Within Splunk we have multiple indexes, but we have one that is exhibiting strange behaviour as the as the search time range crosses the creation time of the hot bucket.
If I run a plain search of:
With a time range of the last 30 days, within the Timeline we can see the pattern of event volume we expect to see over the least 30 days, for example with 21,780 events on January 6th.
If I now change to a custom time range of 6 January 2011 00:00:00 - 7 January 2011 00:00:00, the same query returns only 99 events per day, with the first event seen during the day at 22:15:13.247. A search for the previous day returns 0 events (as opposed to the expected 20K plus).
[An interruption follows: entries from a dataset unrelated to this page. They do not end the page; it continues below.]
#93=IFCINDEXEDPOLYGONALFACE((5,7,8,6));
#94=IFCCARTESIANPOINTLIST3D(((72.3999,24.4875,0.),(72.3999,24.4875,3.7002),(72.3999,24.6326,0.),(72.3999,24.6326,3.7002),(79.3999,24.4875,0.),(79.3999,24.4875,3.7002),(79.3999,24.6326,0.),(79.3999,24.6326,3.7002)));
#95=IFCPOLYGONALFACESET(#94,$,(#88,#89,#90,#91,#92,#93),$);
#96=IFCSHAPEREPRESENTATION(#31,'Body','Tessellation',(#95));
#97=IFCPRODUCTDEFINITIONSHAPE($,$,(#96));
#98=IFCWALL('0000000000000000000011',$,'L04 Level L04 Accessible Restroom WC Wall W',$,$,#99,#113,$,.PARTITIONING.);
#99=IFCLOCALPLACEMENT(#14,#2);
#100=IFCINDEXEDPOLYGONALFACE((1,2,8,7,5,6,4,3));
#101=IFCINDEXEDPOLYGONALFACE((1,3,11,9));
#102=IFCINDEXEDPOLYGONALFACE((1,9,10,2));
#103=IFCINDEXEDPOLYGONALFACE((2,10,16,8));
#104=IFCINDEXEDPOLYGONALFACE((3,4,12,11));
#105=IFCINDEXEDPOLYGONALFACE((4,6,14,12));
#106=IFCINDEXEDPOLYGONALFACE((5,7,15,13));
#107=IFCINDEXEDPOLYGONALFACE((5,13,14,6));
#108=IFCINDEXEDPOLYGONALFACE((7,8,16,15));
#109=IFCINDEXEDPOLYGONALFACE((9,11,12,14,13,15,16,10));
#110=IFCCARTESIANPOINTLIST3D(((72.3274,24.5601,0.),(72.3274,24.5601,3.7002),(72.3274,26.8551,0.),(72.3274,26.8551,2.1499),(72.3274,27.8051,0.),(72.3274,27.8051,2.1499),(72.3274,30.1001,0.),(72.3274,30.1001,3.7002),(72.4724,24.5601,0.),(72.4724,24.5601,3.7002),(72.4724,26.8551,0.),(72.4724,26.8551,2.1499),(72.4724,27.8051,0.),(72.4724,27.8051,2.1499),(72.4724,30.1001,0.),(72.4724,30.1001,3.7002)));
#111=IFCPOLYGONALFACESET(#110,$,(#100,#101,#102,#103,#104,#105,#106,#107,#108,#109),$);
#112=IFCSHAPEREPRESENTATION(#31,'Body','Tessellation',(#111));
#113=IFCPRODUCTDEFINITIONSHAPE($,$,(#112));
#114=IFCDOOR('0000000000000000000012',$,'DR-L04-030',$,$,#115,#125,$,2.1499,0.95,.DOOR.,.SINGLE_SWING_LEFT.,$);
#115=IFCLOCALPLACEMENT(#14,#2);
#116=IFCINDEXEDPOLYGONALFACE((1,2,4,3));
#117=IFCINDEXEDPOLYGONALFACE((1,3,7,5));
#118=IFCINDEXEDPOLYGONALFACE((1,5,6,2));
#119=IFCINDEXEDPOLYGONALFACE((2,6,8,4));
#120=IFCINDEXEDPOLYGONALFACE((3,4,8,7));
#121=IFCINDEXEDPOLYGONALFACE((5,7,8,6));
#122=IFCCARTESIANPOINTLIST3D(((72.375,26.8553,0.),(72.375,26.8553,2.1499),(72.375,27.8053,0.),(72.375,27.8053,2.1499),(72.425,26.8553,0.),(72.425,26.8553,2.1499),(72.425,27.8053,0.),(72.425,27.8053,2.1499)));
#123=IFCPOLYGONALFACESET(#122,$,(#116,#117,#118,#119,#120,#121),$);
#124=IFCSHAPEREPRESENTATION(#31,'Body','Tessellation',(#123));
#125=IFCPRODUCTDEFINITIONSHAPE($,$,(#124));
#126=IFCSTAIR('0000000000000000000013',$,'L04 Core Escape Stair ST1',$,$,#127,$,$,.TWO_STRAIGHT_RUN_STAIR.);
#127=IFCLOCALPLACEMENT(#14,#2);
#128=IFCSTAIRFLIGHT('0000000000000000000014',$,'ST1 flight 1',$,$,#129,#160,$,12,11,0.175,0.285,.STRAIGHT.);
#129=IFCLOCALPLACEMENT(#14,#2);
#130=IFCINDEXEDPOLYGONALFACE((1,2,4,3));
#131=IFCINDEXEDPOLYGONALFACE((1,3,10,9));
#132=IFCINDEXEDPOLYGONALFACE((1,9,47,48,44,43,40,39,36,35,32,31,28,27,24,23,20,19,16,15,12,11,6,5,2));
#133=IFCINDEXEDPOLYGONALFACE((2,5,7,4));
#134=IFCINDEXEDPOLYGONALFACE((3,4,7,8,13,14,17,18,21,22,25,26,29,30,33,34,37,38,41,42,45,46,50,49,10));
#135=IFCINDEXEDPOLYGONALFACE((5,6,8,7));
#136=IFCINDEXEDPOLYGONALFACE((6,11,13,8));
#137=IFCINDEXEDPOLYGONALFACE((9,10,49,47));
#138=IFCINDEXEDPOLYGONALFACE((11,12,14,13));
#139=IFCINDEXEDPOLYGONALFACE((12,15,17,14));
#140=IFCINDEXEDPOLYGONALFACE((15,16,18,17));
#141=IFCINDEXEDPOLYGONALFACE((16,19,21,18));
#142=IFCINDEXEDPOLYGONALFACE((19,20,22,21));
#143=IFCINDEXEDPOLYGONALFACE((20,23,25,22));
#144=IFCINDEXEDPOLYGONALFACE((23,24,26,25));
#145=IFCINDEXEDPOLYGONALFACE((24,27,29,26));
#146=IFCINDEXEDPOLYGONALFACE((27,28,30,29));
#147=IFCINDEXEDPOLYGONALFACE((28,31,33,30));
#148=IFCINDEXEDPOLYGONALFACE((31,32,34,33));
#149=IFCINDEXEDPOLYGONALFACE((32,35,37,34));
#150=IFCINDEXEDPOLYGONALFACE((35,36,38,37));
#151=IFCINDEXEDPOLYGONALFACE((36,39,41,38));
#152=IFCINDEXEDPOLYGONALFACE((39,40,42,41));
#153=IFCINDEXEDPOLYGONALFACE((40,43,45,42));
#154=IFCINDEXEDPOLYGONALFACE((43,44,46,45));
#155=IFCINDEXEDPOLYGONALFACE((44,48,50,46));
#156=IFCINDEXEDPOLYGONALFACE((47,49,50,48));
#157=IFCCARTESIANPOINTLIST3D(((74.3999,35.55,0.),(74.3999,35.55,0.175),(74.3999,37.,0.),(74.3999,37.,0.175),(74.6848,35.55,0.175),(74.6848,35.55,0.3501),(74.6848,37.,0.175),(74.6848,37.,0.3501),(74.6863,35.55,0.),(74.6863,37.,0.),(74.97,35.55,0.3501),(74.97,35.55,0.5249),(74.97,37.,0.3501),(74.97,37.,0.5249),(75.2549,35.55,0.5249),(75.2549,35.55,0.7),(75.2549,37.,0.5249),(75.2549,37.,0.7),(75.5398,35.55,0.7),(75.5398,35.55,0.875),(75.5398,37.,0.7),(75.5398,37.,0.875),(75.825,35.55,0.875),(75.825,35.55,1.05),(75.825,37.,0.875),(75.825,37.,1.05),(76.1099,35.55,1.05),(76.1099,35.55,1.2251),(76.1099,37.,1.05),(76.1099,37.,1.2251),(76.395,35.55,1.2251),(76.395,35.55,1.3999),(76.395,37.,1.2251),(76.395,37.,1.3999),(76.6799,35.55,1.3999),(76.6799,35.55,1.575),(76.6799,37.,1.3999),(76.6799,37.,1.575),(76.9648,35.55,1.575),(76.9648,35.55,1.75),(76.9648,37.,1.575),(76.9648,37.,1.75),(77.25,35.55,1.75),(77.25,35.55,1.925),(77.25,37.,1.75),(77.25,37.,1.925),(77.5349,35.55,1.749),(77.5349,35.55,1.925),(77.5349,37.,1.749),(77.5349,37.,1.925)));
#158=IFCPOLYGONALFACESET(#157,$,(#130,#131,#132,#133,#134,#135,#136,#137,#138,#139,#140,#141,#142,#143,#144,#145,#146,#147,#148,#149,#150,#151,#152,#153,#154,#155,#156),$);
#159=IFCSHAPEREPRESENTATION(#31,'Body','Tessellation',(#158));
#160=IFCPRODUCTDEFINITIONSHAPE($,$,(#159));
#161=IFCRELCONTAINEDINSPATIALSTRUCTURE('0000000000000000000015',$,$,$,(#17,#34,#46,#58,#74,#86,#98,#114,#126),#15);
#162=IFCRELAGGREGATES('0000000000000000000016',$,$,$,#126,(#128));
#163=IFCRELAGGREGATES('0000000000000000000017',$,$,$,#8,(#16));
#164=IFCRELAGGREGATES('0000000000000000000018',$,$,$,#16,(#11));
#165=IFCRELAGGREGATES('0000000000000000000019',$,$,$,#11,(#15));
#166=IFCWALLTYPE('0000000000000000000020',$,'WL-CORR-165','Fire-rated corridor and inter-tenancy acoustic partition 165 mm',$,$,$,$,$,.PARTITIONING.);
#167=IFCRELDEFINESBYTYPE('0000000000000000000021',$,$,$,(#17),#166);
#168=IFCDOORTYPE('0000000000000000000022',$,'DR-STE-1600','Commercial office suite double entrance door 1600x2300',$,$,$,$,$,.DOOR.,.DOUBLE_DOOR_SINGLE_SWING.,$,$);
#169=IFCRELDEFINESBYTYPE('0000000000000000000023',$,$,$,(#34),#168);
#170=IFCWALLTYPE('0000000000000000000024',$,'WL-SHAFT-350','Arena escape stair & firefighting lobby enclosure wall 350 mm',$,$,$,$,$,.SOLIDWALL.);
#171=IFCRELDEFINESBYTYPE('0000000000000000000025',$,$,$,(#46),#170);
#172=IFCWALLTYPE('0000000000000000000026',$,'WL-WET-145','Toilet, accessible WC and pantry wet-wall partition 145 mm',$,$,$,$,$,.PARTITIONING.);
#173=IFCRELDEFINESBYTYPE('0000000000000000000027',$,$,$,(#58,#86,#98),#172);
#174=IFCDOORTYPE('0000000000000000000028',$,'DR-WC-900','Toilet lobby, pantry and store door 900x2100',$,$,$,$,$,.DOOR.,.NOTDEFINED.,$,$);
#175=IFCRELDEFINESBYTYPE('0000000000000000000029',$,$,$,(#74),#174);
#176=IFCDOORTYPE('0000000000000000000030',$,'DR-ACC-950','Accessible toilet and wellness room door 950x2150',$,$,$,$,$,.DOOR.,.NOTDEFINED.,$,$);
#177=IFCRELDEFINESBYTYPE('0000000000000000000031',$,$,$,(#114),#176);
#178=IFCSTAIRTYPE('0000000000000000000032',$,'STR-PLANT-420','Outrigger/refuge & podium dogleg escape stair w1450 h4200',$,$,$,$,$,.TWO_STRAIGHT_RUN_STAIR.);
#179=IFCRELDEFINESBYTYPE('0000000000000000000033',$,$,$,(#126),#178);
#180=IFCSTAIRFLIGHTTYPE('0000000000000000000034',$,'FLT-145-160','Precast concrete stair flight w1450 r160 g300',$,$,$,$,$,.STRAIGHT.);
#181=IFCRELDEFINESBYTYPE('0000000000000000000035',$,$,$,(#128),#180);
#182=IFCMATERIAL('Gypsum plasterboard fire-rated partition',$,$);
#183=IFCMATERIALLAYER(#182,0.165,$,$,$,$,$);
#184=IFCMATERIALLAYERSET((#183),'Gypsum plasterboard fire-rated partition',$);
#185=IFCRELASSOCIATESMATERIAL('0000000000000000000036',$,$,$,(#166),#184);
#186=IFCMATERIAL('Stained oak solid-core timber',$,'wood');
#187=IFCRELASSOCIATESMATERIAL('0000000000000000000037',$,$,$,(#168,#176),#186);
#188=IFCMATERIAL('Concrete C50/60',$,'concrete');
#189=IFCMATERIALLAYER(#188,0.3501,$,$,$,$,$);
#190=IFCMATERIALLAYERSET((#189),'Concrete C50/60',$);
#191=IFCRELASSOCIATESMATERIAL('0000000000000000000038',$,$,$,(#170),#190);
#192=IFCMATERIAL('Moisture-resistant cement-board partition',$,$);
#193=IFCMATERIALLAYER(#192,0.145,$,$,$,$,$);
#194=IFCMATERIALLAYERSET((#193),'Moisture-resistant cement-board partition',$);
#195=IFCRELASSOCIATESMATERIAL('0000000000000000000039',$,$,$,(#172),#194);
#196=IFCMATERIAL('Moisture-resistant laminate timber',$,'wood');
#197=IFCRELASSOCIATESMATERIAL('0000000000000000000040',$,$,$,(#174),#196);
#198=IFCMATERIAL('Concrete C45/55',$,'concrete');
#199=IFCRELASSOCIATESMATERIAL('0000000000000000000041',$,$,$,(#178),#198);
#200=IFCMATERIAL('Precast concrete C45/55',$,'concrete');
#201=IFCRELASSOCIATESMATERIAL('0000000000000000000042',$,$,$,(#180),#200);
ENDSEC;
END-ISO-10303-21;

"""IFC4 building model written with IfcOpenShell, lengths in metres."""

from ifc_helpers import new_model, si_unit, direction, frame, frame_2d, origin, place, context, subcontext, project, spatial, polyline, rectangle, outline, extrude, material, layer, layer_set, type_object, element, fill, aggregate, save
All days are blank for day-long searches back to 25th December 2010 (inclusive).
Just as looking back over the past 30-days yielding the correct results, if I run a search from the 24th December to 6th January it shows the expected results. If I change the start date to the 25th December (end date 7 January 2011 00:00:00) I get only the 99 results after 22:55:13 from the 6th January.
Under db on the index there appears to be only one warm bucket, and one hot. The creation time for both of these buckets is just after 23:00 on 6th January 2011 (note our data arrives in 5 minute batches, so the data from 22:55:00 - 23:00:00 which contains the last reliable data would have been available for Splunk to index just after 23:00).
On the 6th January I was doing a re-index of the data, and what I think has happened is that at the stage the warm database rolled to hot Splunk was monitoring the live file, but still hadn't caught-up on the history (had got to 24th December say). So that the hot bucket may contain data time-stamped prior to the timestamp of the data which prompted the roll from hot to warm.
Does this explanation make sense and is this a risk in Splunk: so if I'm re-indexing do I need to assure that all the historical files are indexed prior to the live files being configured/enabled in inputs.conf?